Despite this somewhat balanced initial approach from the FCA, Bridges isn’t satisfied with the government’s clauses.
“So [the FCA have] looked at it and considered the regulation and the competitiveness factor,” he says. “Now in a sense, that’s good. This is exactly what I want. I’m delighted they’re doing this – I think that I want them to do this all the time. And I don’t know whether having ‘due regard’ for these factors is going to make sure that that happens all the time.
“I want this to be more of an objective and therefore not something secondary or tertiary that they come onto – it’s the first thing they think about.”
‘A battle over the purpose of regulation’
But the focus of all this lobbying is not the Financial Services Bill, but what comes after.
The current bill is just the starting gun of a long process of shifting financial sector regulation from Brussels to Britain. The government’s future regulatory framework review (FRF), which will determine how different parts of the financial sector are regulated post-Brexit, is expected to take several years. Earl Howe described FRF as “the right place to consider issues such as the regulators’ objectives”.
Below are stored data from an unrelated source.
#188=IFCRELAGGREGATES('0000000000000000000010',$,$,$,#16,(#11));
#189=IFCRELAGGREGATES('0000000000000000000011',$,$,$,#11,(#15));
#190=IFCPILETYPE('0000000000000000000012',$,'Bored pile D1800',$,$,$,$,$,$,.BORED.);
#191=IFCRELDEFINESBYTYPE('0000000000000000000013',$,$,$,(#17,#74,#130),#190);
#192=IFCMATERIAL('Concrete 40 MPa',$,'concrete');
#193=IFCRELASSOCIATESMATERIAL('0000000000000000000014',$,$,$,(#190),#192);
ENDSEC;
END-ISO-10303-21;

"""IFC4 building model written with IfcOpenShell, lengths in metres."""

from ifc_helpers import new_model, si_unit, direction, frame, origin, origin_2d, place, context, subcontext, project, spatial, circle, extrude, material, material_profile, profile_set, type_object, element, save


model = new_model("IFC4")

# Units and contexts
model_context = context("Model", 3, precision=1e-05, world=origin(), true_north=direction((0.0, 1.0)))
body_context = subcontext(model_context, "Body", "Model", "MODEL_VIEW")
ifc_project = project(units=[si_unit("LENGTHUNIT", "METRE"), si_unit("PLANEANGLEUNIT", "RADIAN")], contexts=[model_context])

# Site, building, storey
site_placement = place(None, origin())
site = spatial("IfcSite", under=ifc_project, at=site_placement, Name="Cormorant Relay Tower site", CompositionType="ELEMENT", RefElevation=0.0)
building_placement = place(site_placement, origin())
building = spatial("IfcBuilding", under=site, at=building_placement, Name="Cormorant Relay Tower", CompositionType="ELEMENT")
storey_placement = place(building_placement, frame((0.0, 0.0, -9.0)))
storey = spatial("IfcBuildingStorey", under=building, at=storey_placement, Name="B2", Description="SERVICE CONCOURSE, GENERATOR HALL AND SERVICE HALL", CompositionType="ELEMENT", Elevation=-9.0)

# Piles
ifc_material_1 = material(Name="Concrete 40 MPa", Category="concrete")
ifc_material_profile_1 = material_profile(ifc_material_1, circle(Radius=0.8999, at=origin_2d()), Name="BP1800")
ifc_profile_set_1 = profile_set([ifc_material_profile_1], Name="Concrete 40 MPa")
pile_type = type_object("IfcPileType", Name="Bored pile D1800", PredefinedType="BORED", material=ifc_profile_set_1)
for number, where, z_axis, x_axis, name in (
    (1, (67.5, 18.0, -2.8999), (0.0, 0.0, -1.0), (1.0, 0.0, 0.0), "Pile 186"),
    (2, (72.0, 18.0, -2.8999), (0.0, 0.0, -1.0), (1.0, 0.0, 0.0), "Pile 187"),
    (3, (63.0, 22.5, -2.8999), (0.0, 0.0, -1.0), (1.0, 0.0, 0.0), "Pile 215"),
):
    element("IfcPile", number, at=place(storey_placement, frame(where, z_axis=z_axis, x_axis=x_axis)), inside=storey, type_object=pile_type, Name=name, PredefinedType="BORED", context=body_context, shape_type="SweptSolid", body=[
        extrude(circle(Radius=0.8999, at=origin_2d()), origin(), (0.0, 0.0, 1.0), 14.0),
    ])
“That's where the competitiveness battle will really be fought,” says Griffiths. “We're expecting a whole series of bills like this. And so this discussion will be in each of those moments.
“I think that's why we saw this push in the House of Lords, because it's a preparatory push for the real opportunity to get a competitiveness objective.”
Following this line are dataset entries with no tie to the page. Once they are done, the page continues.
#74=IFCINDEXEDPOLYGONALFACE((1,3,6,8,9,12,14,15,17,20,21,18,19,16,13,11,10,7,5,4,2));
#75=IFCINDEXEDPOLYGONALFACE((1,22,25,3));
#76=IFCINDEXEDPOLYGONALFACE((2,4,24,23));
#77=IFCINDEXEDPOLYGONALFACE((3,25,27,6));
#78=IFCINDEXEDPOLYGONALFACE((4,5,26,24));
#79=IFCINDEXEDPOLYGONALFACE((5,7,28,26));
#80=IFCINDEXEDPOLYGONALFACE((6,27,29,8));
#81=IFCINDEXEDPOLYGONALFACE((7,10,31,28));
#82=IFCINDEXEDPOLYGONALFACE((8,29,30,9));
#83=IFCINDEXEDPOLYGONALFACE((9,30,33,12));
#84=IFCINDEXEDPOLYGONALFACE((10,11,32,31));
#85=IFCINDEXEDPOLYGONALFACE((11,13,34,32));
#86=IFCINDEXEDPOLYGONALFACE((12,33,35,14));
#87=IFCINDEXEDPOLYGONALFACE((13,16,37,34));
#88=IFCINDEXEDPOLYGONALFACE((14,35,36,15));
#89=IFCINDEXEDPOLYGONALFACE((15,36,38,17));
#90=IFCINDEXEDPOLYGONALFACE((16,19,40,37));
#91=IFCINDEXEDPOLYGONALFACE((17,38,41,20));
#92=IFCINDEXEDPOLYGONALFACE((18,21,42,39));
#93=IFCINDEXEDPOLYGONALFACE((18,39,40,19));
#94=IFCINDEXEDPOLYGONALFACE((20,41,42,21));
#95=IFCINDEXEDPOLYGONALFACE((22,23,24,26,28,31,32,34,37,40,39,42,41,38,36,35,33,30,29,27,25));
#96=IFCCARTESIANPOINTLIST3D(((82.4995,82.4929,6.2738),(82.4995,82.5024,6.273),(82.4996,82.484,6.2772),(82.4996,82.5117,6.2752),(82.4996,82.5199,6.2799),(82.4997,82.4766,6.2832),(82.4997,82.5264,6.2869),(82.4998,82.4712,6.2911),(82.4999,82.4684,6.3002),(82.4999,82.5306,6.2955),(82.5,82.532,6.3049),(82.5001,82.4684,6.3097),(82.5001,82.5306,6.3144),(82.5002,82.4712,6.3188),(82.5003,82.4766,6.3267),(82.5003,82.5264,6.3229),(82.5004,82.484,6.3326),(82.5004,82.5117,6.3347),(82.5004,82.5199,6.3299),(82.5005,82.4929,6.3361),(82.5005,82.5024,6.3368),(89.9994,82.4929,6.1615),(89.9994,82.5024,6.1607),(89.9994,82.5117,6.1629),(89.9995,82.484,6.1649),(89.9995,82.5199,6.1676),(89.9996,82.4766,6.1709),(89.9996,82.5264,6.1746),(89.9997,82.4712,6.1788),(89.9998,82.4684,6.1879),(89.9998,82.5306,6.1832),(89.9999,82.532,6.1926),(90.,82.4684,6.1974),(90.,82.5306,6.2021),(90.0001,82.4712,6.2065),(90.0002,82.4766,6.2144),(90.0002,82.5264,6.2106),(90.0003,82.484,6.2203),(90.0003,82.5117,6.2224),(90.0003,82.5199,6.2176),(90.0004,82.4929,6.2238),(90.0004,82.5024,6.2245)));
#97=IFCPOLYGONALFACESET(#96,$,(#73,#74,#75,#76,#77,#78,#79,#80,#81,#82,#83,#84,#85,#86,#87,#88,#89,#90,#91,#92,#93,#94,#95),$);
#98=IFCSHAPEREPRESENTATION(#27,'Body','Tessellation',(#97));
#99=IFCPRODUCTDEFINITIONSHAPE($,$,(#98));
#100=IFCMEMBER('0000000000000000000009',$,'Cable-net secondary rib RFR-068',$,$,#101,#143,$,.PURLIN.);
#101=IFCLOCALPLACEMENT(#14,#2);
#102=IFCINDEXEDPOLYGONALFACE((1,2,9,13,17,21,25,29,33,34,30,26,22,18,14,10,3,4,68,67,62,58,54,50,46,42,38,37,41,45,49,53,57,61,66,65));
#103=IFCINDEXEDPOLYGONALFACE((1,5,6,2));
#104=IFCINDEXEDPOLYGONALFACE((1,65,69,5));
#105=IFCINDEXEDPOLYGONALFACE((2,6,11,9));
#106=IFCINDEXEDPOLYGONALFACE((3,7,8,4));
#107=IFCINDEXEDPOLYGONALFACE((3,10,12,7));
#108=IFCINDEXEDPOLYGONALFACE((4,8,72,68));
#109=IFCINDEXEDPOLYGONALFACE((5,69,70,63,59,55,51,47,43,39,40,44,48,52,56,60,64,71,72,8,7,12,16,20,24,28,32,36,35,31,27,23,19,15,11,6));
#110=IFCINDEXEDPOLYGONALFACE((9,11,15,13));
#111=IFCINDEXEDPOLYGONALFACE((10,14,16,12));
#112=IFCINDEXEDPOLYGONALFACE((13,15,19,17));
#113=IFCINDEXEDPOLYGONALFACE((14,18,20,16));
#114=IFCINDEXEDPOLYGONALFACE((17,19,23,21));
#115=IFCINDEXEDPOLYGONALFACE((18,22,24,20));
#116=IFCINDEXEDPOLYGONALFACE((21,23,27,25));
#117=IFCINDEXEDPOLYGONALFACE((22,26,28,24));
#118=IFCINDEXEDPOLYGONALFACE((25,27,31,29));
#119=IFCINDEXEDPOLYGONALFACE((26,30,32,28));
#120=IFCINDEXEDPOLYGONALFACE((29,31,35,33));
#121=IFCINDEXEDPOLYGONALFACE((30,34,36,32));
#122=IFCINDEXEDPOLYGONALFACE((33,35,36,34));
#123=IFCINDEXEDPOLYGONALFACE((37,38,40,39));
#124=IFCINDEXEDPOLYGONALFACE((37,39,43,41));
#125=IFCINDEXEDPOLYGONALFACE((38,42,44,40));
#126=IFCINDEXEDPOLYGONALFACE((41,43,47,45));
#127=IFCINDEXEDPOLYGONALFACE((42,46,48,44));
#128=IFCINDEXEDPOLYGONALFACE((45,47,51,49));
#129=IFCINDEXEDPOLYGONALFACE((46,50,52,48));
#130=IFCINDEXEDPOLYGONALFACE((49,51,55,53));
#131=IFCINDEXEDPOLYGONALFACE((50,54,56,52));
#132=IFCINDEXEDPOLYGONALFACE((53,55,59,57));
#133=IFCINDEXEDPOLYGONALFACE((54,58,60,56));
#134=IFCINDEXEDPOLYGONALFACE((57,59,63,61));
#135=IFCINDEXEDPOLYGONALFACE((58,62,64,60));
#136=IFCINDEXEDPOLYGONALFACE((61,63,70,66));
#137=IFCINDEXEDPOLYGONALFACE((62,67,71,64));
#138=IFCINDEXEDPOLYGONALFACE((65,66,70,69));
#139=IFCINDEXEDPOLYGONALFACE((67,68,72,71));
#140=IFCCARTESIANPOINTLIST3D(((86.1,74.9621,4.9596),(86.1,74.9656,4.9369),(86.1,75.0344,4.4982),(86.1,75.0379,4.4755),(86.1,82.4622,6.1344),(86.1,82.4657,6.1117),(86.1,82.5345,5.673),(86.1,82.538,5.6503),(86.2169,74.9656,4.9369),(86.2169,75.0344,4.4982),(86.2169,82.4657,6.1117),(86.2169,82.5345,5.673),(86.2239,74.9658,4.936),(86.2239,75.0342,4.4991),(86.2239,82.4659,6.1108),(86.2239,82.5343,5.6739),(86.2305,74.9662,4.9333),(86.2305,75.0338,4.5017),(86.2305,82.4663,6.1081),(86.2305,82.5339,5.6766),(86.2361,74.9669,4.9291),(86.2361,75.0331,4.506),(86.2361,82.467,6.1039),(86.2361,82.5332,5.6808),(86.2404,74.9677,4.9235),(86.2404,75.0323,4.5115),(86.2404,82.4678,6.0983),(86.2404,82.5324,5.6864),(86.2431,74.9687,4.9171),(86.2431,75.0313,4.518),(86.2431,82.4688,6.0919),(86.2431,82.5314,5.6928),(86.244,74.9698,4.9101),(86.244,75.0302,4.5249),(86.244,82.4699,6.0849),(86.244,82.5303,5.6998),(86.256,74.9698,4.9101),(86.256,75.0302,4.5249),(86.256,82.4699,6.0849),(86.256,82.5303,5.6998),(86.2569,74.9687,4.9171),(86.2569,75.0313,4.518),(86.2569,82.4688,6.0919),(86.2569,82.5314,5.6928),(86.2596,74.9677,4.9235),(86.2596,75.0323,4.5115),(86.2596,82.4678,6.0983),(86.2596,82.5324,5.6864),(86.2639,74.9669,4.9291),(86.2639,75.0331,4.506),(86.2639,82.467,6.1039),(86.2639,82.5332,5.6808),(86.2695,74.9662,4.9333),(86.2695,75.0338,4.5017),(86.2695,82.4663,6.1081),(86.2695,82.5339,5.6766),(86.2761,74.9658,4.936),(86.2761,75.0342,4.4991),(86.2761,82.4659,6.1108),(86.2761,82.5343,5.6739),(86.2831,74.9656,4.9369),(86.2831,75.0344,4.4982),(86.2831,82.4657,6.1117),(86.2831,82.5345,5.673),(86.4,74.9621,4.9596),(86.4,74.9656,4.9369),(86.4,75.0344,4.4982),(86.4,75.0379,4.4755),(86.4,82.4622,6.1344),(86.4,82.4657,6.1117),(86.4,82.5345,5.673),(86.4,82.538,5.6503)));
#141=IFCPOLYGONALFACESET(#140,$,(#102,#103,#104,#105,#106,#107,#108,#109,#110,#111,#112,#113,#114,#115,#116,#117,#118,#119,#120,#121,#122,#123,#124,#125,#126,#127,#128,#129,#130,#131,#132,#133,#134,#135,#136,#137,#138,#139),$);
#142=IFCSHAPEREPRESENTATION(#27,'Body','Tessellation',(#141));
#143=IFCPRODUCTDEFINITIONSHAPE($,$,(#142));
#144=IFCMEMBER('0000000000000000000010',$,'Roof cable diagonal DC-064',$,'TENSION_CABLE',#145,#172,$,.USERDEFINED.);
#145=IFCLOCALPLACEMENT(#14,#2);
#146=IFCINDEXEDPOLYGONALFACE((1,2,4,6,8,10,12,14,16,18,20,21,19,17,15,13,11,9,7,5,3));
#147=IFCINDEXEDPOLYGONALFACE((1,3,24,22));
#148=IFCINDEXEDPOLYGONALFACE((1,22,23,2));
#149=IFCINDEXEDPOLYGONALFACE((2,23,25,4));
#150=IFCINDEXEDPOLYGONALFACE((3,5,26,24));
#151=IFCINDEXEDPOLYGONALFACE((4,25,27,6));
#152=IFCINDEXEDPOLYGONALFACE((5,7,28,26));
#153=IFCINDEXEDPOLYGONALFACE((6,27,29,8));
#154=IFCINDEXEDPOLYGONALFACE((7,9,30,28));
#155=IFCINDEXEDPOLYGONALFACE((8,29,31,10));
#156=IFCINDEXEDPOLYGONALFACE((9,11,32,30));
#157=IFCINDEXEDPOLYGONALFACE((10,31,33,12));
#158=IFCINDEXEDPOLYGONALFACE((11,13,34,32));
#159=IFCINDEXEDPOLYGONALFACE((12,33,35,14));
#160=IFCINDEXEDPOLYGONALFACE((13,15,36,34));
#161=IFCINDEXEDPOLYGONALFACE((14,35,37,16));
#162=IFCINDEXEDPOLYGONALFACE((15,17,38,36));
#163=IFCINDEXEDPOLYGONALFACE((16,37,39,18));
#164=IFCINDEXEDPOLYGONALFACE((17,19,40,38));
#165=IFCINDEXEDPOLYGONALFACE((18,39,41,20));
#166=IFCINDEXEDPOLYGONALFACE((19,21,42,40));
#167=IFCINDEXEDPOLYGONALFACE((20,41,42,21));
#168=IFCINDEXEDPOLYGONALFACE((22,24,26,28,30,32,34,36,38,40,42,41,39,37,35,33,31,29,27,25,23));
And the backdrop to FRF is not just the debate over the Financial Services Bill, but also Rishi Sunak’s claims in January that the financial sector was heading for “Big Bang 2.0” – a hark back to Margaret Thatcher’s ‘Big Bang’ deregulation which put rocket boosters under the City of London and neoliberalism.
Just this month, reports emerged that ministers were planning to loosen a host of rules in order to boost the City post-Brexit – even though some in the financial sector don’t see a need for wide deregulation.
“There's a battle going on about what is the purpose of regulation,” says Griffiths.
“And what kind of financial system do we want? Do we want one that is geared to grow into a big international financial sector, which I would argue creates less stability for the UK economy [and] doesn't focus on real objectives?
“Or do we want one that is geared to the real purpose of finance, which is to support the real economy, to help us do a just transition on climate, and to help us tackle social problems that we have?”
The Treasury did not respond to a request for comment.